Offshore Finance on Trial: What the Dick-Stock Lawsuit Reveals About Jersey, Big Banks, and the Sulu Funding Network

Tanya Dick-Stock and Darrin Stock were stunned to find 330 banker boxes hidden in a locked, unused squash court on their former estate while preparing for their 2012 wedding, with the documents revealing how Jersey-based La Hougue trust company assisted its clients while breaching its fiduciary duties to Tanya. Source: John Stock

In December 2025, a sprawling civil lawsuit landed in the US District Court in Colorado that goes far beyond a family trust dispute.

Tanya Dick-Stock and her husband Darrin Stock accuse major banking institutions, including Barclays and HSBC, of breaching fiduciary duties and providing dishonest assistance in the alleged looting of a Colorado trust worth roughly $350 million. The damages claimed reach an eye-catching $12 billion. The case, led by former US Senator John Edwards as counsel, places offshore finance in Jersey under an unforgiving spotlight and which further exposes uncomfortable overlaps with other controversial, funder-driven claims, including those linked to the supposed heirs of Sulu.

A $12 Billion Test Case: From Colorado Trust to Jersey Structures

At the heart of the lawsuit is a family trust established in Colorado, designed with safeguards intended to keep control within US regulated institutions. According to the complaint, those safeguards were bypassed when trust assets were shifted offshore to Jersey without proper authorization. Jersey, marketed as stable and discreet, features prominently as the jurisdiction where trust administration, lending, and alleged self-dealing occurred.

"While the banks deny wrongdoing, the history of Jersey as a secrecy-friendly environment provides fertile ground for the plaintiffs’ narrative that offshore structures were used not for stewardship, but for extraction."

While investigating the losses, Tanya and her husband Darrin Stock say they uncovered hundreds of boxes of documents pointing to forged agreements and internal communications showing breaches of fiduciary duty. The case centers on Jersey’s offshore financial system and argues that the trustee changes were legally invalid from the outset, leaving the original trustees responsible for losses the couple estimates at more than $12 billion.

The plaintiffs argue that banks and trust companies ignored obvious red flags. These include questionable loans secured against trust property and the appointment of offshore trustees who allegedly acted for improper purposes. While the banks deny wrongdoing, the history of Jersey as a secrecy-friendly environment provides fertile ground for the plaintiffs’ narrative that offshore structures were used not for stewardship, but for extraction.

Core Allegations Against the Banks and Potential Outcomes for the Plaintiffs

The complaint advances several serious claims. First is breach of trust, alleging that trustees and their professional assistants failed in their fiduciary duties by allowing assets to be diverted. Second is dishonest assistance, a doctrine under English and Jersey law that requires knowledge of, and participation in, a breach. Third is fraud on the power, a concept that applies when trustees exercise authority for unauthorized ends.

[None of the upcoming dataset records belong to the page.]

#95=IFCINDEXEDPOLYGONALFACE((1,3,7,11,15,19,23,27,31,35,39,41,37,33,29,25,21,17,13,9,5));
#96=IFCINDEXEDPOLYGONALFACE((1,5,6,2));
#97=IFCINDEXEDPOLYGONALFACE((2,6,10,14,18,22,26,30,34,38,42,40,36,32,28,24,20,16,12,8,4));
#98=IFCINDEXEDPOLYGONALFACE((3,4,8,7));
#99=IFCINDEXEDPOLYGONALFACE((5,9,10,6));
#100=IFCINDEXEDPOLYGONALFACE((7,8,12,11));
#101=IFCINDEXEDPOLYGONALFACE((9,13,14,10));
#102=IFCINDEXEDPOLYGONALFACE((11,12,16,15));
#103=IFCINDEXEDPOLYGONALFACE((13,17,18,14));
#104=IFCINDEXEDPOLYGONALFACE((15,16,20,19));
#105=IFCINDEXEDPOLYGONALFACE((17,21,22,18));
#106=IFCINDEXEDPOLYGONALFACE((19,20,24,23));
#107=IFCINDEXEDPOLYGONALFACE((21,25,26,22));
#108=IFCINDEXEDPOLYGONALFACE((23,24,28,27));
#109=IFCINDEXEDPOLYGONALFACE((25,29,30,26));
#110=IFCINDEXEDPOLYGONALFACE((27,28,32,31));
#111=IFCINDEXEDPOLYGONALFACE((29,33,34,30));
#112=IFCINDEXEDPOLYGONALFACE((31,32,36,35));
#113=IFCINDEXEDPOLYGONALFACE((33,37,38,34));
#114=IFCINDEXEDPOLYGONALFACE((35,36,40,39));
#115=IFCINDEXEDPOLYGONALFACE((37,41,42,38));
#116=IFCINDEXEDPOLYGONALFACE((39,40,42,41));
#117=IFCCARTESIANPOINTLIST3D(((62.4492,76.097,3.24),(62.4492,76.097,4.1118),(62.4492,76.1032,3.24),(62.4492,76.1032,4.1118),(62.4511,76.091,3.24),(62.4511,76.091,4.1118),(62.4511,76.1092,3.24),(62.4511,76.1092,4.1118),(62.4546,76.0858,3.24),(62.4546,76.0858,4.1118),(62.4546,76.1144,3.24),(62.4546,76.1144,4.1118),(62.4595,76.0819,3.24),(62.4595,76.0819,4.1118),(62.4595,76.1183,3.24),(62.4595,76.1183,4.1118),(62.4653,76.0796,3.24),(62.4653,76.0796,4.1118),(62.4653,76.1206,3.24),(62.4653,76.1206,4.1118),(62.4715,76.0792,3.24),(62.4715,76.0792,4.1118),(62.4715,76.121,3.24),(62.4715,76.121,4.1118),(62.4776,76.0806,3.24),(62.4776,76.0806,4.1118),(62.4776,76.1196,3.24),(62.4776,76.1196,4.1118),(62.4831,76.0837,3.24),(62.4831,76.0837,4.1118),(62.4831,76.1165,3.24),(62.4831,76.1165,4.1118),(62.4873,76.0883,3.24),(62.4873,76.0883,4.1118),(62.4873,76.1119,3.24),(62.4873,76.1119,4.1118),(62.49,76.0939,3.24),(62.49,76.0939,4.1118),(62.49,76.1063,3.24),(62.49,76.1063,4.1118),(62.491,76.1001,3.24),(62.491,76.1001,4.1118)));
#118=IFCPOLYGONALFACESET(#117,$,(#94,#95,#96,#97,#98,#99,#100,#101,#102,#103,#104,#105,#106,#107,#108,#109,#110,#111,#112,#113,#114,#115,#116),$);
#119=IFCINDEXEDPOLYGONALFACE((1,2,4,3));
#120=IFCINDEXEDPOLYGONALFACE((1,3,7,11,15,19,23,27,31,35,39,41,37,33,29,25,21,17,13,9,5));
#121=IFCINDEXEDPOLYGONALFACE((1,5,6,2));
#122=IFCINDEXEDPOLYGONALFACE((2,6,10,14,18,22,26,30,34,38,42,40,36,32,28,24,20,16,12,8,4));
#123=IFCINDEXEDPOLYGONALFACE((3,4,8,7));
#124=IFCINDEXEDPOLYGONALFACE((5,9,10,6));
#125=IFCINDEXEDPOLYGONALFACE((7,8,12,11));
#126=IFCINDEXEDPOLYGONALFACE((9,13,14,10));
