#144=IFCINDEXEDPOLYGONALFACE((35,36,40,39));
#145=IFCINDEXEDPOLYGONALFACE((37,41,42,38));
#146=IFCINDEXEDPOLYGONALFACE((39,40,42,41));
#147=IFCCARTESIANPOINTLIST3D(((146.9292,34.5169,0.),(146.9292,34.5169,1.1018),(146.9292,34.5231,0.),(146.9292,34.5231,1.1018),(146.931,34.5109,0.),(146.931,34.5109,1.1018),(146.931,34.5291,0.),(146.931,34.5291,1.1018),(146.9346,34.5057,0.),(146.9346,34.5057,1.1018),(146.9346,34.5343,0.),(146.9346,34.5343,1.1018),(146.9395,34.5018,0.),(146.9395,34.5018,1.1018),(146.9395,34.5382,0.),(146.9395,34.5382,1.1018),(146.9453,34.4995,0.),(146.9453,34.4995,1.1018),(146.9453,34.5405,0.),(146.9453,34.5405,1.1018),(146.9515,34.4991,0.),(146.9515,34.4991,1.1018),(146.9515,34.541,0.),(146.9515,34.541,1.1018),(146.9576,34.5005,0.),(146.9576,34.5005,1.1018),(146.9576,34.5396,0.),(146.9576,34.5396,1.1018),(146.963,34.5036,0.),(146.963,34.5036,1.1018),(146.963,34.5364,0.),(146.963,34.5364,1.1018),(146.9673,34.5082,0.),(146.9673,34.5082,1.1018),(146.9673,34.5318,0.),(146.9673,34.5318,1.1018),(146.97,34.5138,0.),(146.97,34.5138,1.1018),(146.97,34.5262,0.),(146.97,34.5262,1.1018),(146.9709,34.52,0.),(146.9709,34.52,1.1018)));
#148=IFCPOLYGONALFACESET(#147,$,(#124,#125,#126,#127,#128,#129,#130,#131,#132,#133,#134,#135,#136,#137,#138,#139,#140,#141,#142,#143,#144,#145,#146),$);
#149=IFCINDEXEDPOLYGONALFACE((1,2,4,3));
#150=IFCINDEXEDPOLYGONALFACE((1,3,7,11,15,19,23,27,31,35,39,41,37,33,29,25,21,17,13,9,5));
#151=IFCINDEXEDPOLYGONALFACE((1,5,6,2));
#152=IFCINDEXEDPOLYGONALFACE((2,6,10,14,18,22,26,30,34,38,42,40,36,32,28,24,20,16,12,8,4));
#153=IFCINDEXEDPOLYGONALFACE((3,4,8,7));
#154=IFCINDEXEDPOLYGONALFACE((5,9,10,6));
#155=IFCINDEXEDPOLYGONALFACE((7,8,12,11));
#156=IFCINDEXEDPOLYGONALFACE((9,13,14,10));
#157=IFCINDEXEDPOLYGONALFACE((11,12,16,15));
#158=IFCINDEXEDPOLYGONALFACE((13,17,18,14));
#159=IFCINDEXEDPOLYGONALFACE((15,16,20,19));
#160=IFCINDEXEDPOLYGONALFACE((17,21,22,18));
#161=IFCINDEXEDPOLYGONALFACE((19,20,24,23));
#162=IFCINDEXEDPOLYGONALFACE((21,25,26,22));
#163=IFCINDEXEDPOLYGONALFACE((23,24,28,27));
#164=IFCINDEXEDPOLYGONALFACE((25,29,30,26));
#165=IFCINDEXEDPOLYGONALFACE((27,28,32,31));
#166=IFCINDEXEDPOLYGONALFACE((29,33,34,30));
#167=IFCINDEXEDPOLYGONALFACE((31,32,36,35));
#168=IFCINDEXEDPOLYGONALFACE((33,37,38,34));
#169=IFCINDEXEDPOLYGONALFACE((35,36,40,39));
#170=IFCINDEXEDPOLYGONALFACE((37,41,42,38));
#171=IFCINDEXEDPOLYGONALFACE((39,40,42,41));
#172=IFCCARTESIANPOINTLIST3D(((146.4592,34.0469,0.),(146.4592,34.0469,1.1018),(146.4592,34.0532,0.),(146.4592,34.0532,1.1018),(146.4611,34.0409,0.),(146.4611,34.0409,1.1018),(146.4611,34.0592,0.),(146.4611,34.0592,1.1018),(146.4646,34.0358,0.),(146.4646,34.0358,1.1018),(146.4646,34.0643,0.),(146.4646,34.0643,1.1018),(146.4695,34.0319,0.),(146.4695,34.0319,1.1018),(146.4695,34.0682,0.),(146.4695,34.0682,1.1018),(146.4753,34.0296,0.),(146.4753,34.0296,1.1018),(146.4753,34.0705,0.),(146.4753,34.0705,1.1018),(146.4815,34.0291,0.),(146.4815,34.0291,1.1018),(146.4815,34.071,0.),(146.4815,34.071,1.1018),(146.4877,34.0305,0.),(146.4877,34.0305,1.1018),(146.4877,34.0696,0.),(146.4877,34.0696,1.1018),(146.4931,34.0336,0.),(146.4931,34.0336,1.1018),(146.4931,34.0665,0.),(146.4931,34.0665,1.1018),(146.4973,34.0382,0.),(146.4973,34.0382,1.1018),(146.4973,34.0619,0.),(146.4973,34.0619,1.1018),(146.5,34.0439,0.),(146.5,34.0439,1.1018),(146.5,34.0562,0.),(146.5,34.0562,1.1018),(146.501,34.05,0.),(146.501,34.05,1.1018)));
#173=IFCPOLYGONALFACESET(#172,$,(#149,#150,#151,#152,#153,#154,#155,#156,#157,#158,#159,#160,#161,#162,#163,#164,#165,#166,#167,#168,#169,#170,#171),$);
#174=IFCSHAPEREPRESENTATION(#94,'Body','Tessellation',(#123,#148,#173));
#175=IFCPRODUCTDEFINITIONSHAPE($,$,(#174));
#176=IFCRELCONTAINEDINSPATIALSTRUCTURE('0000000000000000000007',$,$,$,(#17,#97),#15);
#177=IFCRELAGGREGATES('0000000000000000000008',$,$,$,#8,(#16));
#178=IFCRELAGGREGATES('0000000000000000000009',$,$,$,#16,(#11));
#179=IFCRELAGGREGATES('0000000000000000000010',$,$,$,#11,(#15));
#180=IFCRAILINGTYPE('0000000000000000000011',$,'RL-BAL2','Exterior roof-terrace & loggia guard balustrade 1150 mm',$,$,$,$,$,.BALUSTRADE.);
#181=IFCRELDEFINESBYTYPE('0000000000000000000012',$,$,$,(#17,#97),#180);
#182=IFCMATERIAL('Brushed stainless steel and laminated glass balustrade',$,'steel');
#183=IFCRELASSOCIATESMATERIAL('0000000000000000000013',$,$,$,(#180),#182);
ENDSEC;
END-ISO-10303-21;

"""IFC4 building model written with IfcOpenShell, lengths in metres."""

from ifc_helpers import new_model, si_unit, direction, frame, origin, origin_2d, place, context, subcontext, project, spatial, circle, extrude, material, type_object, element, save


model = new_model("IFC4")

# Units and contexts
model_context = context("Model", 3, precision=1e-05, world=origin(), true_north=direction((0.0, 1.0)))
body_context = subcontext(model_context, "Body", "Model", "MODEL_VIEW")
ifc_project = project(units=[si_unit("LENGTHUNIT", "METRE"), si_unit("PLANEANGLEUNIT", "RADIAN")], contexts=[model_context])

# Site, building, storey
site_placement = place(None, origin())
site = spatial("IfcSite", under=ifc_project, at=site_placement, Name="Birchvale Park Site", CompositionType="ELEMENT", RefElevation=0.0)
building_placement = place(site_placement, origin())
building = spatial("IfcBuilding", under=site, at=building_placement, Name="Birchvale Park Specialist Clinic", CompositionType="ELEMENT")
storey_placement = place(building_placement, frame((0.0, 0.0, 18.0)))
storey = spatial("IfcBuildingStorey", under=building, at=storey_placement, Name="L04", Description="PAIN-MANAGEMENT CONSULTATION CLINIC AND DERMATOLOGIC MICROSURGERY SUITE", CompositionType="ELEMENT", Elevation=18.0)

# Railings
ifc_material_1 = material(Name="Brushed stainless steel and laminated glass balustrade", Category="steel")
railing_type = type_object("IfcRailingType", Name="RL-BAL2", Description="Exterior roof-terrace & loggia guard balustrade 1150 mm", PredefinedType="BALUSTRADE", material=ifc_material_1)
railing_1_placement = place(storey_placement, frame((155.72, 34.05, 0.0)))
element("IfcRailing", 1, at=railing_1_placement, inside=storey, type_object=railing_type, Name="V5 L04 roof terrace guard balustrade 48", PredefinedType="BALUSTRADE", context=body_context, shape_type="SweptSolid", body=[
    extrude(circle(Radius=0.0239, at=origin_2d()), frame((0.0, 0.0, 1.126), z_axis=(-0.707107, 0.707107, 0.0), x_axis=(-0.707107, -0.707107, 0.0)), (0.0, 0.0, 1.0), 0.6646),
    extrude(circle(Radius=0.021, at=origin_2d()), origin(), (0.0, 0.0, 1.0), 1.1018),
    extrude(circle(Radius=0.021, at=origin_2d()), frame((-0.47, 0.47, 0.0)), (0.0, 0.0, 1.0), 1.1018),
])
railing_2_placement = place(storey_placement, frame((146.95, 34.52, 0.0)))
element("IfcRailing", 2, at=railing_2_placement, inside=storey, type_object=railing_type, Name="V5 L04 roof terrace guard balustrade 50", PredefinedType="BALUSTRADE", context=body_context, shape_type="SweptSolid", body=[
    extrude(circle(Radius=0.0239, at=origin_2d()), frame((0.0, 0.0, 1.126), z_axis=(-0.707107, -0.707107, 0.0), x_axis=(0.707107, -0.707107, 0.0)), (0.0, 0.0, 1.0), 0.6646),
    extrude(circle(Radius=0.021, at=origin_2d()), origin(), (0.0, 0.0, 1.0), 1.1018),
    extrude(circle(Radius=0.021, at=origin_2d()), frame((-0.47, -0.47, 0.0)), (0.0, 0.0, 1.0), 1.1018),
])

The $12 billion figure has attracted skepticism, but it is not arbitrary. It reflects not only the original assets, but also decades of lost growth, legal costs, and punitive damages. Whether a jury accepts that valuation remains to be seen. What matters more is the allegation that globally significant banks treated offshore structures as a compliance box-ticking exercise rather than a serious responsibility.

"What matters more is the allegation that globally significant banks treated offshore structures as a compliance box-ticking exercise rather than a serious responsibility."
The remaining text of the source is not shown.